実は、もっとすごい絶景があると、御朱印のそばに置かれていた御由緒の資料を見て知った。それは、朝日が市杵島の鳥居から昇るように見える神々しい情景である。太陽の運行をよく知る古の人々が祀った、女神様。彼らは、比売神に何を祈ったのだろう。
わたくしが当社に詣でたのは、平日のお昼前。駐車場直ぐの大きな鳥居は明るい陽光が降り注ぎ、何やら勝手に歓迎ムードを感じてしまう。
頭を垂れて鳥居をくぐってみれば、参道脇から生えた松の大木が、鳥居に向かってまるで龍のように斜めに延びていた。その木肌は龍の鱗を想起させた。(後日改めて写真を見返すと、鳥居の表に絡む紫の光と、裏からの松の木の頂の輝きが、此処は龍神の居場所だと示しているように思えた。
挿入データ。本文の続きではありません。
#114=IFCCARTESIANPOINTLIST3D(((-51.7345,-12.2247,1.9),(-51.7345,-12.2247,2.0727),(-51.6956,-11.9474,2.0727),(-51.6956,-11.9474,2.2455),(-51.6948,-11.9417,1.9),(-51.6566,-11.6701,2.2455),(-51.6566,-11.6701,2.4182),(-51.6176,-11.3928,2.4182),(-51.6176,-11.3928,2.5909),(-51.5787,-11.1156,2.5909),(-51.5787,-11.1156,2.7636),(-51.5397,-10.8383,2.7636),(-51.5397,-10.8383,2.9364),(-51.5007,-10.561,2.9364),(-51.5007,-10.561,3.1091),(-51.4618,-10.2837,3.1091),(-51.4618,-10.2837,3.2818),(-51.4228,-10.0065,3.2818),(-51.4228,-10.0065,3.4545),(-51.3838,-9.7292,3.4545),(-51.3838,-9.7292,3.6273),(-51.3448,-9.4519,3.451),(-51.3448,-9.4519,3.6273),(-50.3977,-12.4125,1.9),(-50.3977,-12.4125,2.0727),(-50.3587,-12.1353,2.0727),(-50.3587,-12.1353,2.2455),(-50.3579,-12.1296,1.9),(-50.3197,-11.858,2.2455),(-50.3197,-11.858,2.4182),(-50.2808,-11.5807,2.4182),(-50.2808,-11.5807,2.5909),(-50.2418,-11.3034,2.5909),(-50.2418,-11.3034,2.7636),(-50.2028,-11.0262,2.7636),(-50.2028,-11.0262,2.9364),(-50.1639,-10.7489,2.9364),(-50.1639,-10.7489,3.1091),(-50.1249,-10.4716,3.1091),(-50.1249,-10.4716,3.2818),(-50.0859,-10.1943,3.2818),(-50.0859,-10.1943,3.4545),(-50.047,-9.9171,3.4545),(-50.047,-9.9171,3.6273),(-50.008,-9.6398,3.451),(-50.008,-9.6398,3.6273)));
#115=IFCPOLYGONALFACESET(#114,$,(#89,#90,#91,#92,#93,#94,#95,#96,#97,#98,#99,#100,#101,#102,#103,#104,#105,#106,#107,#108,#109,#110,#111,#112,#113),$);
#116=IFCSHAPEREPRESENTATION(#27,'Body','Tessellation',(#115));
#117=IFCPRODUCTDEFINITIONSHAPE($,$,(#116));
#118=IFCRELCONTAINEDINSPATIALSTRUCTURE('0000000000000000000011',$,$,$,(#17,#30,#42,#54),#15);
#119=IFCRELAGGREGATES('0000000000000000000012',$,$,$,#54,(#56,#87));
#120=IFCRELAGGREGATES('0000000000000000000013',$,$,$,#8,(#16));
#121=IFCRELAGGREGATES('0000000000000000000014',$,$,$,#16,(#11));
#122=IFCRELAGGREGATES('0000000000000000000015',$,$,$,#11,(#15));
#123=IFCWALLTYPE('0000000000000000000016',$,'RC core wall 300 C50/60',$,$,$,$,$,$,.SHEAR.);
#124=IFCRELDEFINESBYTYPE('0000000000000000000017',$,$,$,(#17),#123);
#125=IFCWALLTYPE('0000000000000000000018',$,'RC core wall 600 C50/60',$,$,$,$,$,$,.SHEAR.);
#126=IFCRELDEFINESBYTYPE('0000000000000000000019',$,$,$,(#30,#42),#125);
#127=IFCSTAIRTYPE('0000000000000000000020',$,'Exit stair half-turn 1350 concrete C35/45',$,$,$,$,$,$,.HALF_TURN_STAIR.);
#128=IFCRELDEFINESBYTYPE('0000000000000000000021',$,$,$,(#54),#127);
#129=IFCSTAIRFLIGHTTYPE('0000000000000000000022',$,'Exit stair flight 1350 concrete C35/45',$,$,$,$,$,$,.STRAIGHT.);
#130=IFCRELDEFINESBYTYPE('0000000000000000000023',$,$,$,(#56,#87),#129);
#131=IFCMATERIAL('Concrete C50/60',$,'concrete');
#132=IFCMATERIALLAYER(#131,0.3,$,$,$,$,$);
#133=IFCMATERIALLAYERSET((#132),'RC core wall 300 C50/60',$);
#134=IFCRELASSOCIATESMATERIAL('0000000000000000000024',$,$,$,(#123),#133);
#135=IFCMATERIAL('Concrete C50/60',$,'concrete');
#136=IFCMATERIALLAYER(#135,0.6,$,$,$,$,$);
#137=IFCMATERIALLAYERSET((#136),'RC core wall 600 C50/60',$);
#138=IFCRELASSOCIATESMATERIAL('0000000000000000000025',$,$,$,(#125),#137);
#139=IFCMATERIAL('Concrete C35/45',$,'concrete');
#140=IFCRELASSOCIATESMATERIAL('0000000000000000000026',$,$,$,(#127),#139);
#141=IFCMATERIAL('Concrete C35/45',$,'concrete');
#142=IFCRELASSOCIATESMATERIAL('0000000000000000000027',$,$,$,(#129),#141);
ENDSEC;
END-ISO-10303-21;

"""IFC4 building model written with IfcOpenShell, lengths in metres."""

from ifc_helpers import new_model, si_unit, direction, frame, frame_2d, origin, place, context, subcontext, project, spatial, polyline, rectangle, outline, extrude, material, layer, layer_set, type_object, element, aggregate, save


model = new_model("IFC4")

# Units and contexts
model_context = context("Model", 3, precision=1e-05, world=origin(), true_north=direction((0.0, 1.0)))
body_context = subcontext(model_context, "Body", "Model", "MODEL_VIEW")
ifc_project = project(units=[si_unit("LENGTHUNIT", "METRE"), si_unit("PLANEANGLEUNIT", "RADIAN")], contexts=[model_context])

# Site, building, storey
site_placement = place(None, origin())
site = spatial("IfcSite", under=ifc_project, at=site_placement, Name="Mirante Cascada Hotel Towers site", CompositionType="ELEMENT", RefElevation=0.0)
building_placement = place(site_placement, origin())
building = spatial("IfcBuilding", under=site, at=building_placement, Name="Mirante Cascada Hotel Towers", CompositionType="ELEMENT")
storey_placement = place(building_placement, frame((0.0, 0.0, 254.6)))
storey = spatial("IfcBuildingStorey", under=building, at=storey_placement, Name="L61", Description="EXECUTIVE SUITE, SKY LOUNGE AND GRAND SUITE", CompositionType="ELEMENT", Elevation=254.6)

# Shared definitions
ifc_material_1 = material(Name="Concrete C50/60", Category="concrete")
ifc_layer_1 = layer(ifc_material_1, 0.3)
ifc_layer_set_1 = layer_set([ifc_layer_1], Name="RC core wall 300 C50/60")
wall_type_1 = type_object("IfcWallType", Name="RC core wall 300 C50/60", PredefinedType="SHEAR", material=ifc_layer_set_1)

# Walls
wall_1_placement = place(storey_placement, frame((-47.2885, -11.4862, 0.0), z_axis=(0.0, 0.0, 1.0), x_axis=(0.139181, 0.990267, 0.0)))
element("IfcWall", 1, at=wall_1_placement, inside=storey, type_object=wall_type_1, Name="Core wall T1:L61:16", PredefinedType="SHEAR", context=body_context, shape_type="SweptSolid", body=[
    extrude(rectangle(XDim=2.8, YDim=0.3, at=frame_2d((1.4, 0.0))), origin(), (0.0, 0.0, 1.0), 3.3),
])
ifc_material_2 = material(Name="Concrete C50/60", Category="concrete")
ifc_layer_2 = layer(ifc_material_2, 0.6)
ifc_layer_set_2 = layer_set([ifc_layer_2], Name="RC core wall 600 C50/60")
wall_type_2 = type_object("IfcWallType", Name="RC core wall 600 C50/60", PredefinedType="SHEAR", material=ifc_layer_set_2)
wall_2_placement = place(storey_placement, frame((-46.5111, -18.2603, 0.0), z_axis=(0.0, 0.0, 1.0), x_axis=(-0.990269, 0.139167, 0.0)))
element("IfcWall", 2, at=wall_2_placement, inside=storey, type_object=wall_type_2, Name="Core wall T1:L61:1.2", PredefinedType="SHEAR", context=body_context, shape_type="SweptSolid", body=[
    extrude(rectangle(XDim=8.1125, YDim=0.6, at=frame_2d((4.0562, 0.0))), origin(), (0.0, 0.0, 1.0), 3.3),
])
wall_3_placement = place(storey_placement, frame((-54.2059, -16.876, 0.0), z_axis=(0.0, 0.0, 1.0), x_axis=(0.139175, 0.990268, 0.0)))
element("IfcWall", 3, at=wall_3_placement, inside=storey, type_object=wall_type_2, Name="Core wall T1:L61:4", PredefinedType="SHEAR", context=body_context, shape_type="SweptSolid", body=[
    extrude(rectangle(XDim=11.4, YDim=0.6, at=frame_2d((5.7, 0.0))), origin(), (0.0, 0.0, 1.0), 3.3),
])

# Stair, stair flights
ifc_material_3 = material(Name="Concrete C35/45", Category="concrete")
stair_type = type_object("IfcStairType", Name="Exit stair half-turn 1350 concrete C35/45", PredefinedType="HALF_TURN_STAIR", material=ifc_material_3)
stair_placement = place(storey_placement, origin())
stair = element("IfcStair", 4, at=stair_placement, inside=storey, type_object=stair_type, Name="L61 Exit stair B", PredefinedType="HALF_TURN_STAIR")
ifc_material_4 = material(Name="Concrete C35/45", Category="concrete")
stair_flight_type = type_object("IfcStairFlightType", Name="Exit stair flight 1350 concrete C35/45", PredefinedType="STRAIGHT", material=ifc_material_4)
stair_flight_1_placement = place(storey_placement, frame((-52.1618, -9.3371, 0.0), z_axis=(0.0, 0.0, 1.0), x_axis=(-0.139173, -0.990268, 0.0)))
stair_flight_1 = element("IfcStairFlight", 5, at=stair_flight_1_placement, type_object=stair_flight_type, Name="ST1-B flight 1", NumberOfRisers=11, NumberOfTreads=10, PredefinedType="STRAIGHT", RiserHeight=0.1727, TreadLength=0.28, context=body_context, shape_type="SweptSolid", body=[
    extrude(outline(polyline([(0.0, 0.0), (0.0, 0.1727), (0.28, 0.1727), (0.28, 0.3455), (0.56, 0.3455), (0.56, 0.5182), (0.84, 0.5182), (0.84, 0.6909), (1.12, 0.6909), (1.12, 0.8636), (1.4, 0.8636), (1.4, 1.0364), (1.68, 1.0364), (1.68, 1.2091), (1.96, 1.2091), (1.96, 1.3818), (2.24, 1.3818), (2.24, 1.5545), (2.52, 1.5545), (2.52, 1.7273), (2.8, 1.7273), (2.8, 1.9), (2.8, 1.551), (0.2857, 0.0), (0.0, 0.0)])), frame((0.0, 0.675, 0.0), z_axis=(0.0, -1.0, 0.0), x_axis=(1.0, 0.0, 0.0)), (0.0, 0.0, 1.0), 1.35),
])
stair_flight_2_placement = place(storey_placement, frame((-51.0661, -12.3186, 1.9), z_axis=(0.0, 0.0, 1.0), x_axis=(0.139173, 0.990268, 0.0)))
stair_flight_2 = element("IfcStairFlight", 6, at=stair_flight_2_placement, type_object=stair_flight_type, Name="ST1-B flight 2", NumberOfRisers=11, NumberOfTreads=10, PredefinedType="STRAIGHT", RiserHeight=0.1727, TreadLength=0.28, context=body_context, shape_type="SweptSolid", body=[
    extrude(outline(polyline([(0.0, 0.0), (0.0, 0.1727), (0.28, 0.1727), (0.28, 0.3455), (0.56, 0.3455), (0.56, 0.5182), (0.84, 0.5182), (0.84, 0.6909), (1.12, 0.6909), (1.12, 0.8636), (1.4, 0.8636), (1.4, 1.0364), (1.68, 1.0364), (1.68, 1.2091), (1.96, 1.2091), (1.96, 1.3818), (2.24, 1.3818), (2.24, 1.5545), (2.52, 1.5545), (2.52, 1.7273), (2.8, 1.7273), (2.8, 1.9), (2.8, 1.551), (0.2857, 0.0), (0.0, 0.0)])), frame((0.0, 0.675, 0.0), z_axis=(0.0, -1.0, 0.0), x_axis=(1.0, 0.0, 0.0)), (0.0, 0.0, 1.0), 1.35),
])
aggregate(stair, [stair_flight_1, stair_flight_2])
)その松の木の下を歩いて、奈多宮に向かって進む。
気分も上々、松の香りが鼻孔をくすぐる参道を進むと、松原の向こうの海上に小さな鳥居が見え隠れしてきた。
潮風が波音とともに微かな海の香りを届ける、「太陽と月の道」をゆるゆると進むと、とりわけ高い松の木が天に伸びるそばに、鳥居が見えた。「此処が奈多宮の入口。」だ。
全体を眺めてから鳥居に近づけば、海からの迎え風?が「どうぞお入り」とばかりに、鳥居を抜けて社殿に向けて吹いた。
海側を見やると、市杵島姫命を遥拝する場所が在った。元宮と言われているその聖処は、数年前の台風では大きく破損したという。復興にあたり、多くの人々の篤い崇敬が集まったことは、この美景で十分に納得できた。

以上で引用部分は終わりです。